Nuestra respuesta a la crisis en Venezuela – 8 de enero de 2026

Querida familia del Sagrado Corazón:

¿Qué palabras pueden expresar adecuadamente nuestra indignación al ver las violaciones de la dignidad humana que presenciamos a diario? En estos momentos de oscuridad, nos apoyamos en nuestro Dios y en nuestra convicción de que Dios realmente camina con nosotros. Esta confianza en la fidelidad de Dios es la raíz de la gracia, y es la gracia la que nos da la sabiduría para discernir y el valor para actuar. Ofrecemos esta declaración con la esperanza de poder recurrir a nuestra unión en el Corazón de Cristo y ser el rostro de la compasión y la esperanza en medio de acciones que crean caos y miedo.

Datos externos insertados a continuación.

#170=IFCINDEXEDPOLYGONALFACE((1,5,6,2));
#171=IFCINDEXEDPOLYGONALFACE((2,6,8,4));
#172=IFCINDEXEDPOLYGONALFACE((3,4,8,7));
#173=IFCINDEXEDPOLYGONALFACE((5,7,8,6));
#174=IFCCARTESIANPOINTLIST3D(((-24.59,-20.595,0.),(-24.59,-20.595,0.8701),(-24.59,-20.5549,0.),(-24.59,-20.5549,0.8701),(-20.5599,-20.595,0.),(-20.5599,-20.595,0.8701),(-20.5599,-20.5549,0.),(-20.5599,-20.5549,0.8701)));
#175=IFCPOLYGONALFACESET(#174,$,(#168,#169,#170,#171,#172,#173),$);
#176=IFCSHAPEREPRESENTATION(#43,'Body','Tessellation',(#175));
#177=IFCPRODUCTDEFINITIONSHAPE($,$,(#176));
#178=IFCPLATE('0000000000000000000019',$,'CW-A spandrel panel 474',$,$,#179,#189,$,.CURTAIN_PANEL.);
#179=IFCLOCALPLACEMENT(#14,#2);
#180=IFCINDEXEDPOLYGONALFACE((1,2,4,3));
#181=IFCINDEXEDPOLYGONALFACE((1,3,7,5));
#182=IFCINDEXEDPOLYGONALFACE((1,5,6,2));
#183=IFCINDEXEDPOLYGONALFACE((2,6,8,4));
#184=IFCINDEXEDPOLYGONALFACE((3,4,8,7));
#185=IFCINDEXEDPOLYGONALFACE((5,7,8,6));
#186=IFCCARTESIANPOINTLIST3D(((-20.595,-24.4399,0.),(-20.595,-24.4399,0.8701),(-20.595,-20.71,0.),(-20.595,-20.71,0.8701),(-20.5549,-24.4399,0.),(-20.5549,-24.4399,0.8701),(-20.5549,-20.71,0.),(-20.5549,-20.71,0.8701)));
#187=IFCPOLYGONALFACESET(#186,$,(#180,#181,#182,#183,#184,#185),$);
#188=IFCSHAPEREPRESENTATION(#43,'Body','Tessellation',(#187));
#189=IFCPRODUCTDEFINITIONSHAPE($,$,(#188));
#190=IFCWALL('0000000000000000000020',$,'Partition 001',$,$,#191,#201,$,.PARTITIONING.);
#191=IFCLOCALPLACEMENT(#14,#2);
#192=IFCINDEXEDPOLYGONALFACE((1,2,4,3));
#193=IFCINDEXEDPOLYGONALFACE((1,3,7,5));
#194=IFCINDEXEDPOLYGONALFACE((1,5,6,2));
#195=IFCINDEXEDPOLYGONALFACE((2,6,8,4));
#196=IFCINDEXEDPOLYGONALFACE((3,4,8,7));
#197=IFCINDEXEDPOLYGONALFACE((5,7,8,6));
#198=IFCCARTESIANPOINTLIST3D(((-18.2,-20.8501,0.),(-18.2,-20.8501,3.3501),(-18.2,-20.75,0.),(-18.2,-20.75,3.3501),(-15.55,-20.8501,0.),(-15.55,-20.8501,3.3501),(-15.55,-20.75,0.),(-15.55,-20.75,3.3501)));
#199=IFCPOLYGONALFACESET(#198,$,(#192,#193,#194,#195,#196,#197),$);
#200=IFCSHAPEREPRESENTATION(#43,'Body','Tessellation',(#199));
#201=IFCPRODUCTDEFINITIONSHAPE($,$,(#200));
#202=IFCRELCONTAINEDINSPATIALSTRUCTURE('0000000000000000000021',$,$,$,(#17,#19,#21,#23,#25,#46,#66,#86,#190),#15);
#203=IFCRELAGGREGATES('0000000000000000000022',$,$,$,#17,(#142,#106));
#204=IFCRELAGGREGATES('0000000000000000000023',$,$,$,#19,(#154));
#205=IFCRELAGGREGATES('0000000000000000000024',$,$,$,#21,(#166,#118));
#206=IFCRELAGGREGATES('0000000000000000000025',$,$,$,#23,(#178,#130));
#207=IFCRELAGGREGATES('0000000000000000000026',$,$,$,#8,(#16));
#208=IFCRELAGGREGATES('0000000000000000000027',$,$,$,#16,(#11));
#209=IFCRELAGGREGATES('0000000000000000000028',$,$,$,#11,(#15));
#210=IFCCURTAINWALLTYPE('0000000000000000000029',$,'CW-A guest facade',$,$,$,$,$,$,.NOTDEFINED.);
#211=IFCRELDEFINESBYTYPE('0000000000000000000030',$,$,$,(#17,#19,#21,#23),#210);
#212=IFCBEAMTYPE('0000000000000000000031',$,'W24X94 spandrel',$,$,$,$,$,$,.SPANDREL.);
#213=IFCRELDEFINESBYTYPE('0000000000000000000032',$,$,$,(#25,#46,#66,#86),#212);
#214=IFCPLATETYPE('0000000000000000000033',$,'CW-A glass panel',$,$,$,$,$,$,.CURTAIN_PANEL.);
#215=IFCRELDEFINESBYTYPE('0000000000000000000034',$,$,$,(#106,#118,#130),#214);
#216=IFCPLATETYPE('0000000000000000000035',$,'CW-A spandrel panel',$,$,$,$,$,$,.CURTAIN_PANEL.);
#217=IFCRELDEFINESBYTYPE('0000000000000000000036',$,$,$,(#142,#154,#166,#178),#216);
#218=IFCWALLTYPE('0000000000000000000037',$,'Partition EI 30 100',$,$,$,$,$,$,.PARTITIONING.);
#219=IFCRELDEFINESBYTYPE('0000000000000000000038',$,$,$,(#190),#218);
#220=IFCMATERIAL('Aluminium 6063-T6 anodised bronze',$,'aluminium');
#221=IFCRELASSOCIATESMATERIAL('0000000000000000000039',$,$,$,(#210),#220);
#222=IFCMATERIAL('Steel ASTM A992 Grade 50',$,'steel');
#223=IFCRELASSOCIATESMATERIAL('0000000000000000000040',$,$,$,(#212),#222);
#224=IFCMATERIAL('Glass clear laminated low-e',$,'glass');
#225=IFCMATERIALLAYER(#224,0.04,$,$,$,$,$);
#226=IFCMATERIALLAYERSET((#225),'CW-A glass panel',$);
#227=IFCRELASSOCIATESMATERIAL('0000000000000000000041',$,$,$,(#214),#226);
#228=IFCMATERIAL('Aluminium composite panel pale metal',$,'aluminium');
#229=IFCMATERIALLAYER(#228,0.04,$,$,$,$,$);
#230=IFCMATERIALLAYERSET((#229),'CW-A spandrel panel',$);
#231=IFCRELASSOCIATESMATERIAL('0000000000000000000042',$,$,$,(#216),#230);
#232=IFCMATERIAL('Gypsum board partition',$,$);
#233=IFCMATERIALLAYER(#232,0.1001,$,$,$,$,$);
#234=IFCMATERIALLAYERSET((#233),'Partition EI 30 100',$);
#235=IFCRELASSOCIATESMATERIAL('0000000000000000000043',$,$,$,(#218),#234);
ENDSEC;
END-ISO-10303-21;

Creemos que toda forma de violencia, abuso y mal uso del poder es una traición a la dignidad humana y una herida al Corazón de Jesús. Dondequiera que se utilice el miedo para silenciar, donde la fuerza sustituya al diálogo y donde se dañe a las personas en su cuerpo, espíritu o esperanza, lo consideramos contrario al deseo de Dios por la vida.

Reivindicamos nuestra autoridad moral como portadores del amor y como personas de esperanza, confiando en que la acción fiel basada en la compasión y el valor puede dar forma a un futuro digno de nuestra humanidad compartida. Nos negamos a contribuir al odio, el miedo, la división o la violencia.

Reconocemos y resistimos el espíritu de desesperación, que busca convencer a las personas y a las comunidades de que el sufrimiento es inevitable, que la verdad es demasiado costosa o que la esperanza es una ilusión. A la luz del discernimiento, afirmamos que la desesperación no proviene de Dios. Incluso en medio del miedo, el dolor y la desolación, elegimos no renunciar a nuestro coraje ni a nuestro compromiso con la verdad.

Creemos que este momento nos llama, como religiosas, a ser mujeres que se mantienen informadas, que escuchan profundamente todas las voces y que se comprometen con un discernimiento serio y piadoso.

Afirmamos el poder del diálogo, la negociación y la diplomacia por encima de la acción militar. Hacemos un llamamiento al Congreso de los Estados Unidos para que ejerza su responsabilidad constitucional y moral de abordar cualquier uso de la fuerza que viole nuestro compromiso compartido de proteger y promover la vida humana y el bien común.

Nos mantenemos firmes en la esperanza, confiando en que el Espíritu de Dios está obrando allí donde se defiende la dignidad, se protege a los vulnerables y las personas se niegan a guardar silencio en favor de la justicia, la sanación y la vida. Con este espíritu, alzaremos la voz y nos opondremos a las acciones que el mundo está presenciando.

Afirmamos nuestra solidaridad con todos los pueblos cuya soberanía, dignidad y aspiraciones democráticas se ven amenazadas por fuerzas similares.

Seguimos teniendo al pueblo de Venezuela plenamente presente en nuestros corazones y nuestras mentes. Continuaremos rezando y trabajando por la paz, al tiempo que denunciamos las violaciones de la dignidad humana.

Nos comprometemos a orar por el discernimiento de los líderes mundiales, para que sus decisiones estén guiadas por la sabiduría, la moderación, el respeto por la vida humana y una preocupación genuina por el bien común.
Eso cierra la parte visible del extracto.